Road sweepers work Wednesday to clear the debris between the huts of the Christmas market in Berlin, where a truck attack occurred Monday.

The suspect -- who went by numerous aliases but was identified by German authorities as Anis Amri -- was not deported after his rejection for asylum because Tunisia initially refused to take him back.

Amri became the subject of a national manhunt after investigators discovered a wallet with his identity documents in the truck used in Monday's attack that left 12 dead and 48 injured, two law enforcement officials said.

Meanwhile, a clearer portrait took shape of the suspect, including accusations that he had contact with a prominent Islamic State recruiter in Germany and once tried to obtain a gun.

German authorities issued a $105,000 reward for information leading to his capture, warning people not to approach Amri, whom they described as "violent and armed."

His past record, however, further deepened the political fallout from Monday's bloodshed -- pointing to flaws in the German deportation system and putting a harsh light on Chancellor Angela Merkel's humanitarian bid to open the nation's doors to nearly 1 million asylum seekers last year.

Although the vast majority of those who flooded into Europe were on the move to escape war and unrest, dozens of terror suspects have slipped into Germany and neighboring nations posing as migrants. Amri, officials said, was not part of the surge of migrants who entered Europe by the one-time main route from Turkey and Greece.

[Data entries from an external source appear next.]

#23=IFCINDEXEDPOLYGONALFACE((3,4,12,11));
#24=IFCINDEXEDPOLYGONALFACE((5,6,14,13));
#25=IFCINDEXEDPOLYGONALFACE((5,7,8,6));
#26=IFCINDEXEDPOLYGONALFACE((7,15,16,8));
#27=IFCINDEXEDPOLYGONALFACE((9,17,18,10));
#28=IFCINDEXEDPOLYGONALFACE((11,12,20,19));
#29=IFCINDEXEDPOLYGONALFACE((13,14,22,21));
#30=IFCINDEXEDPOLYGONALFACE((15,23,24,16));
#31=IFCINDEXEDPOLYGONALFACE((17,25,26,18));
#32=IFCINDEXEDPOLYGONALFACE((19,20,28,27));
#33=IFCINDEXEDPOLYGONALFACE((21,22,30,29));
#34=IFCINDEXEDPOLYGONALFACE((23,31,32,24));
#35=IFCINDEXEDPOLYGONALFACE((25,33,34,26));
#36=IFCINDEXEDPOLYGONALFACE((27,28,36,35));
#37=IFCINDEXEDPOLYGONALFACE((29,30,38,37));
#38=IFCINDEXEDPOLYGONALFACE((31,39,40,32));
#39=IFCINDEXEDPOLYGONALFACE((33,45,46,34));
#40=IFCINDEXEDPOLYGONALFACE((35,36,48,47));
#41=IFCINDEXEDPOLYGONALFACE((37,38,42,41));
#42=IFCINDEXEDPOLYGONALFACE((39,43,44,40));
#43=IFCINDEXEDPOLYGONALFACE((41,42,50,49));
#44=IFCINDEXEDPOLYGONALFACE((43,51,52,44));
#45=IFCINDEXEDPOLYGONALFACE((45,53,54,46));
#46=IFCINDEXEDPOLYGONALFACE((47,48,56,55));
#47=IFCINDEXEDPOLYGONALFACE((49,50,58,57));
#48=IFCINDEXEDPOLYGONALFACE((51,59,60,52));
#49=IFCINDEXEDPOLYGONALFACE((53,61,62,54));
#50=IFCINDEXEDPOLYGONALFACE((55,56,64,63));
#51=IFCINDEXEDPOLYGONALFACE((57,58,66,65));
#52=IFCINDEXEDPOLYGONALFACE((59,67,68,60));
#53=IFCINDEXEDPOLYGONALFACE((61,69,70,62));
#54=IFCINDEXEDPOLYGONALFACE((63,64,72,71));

Rather, he arrived in Germany last year through Italy, where he apparently had entered as early as 2012. He applied for German asylum, but was rejected in June and later faced deportation.

Amri was the subject of a terror investigation on accusations of "preparing a serious act of violent subversion," and had known links to Islamist extremists, authorities said.

Why a failed asylum seeker with such links and no passport was walking German streets is "the question 82 million Germans probably want an answer to," said Rainer Wendt, chairman of the German Police Union. "People are rightly outraged and anxious that such a person can walk around here, keep changing his identity and the legal system can't cope with them."

He added: "How many more ticking time bombs are roaming around here? ... We saw how much damage one person can do with a truck."

No passport

The dragnet for the suspect appeared initially to focus on the German state of North Rhine Westphalia as well as Berlin, both places where the Tunisian suspect once lived. Police units were expected to stage raids, but remained on hold.

The interior minister in North Rhine Westphalia, Ralf Jager, said the Tunisian man had bounced around Germany since arriving in July 2015, living in the southern city of Freiburg, and later in Berlin.

Though authorities have sought to accelerate the deportation of rejected asylum seekers this year, there is still a backlog in Germany of tens of thousands, many of whom are able to resist because their countries of origin refuse to take them back. Amri, Jager said, was one of them.

Amri had not been deported because -- like many asylum seekers in Germany -- he did not have a passport. The Tunisian government, Jager explained, initially denied he was their citizen, and delayed issuing his passport. Pending his deportation, Amri had received a "toleration" status from the government.

Amri's new Tunisian passport, Jager said, finally arrived Wednesday.

"I don't want to comment further on that circumstance," Jager said.

According a German security official with knowledge of the case, Amri earlier this year tried to buy a gun from an informant for the German authorities in the state of North Rhine Westphalia.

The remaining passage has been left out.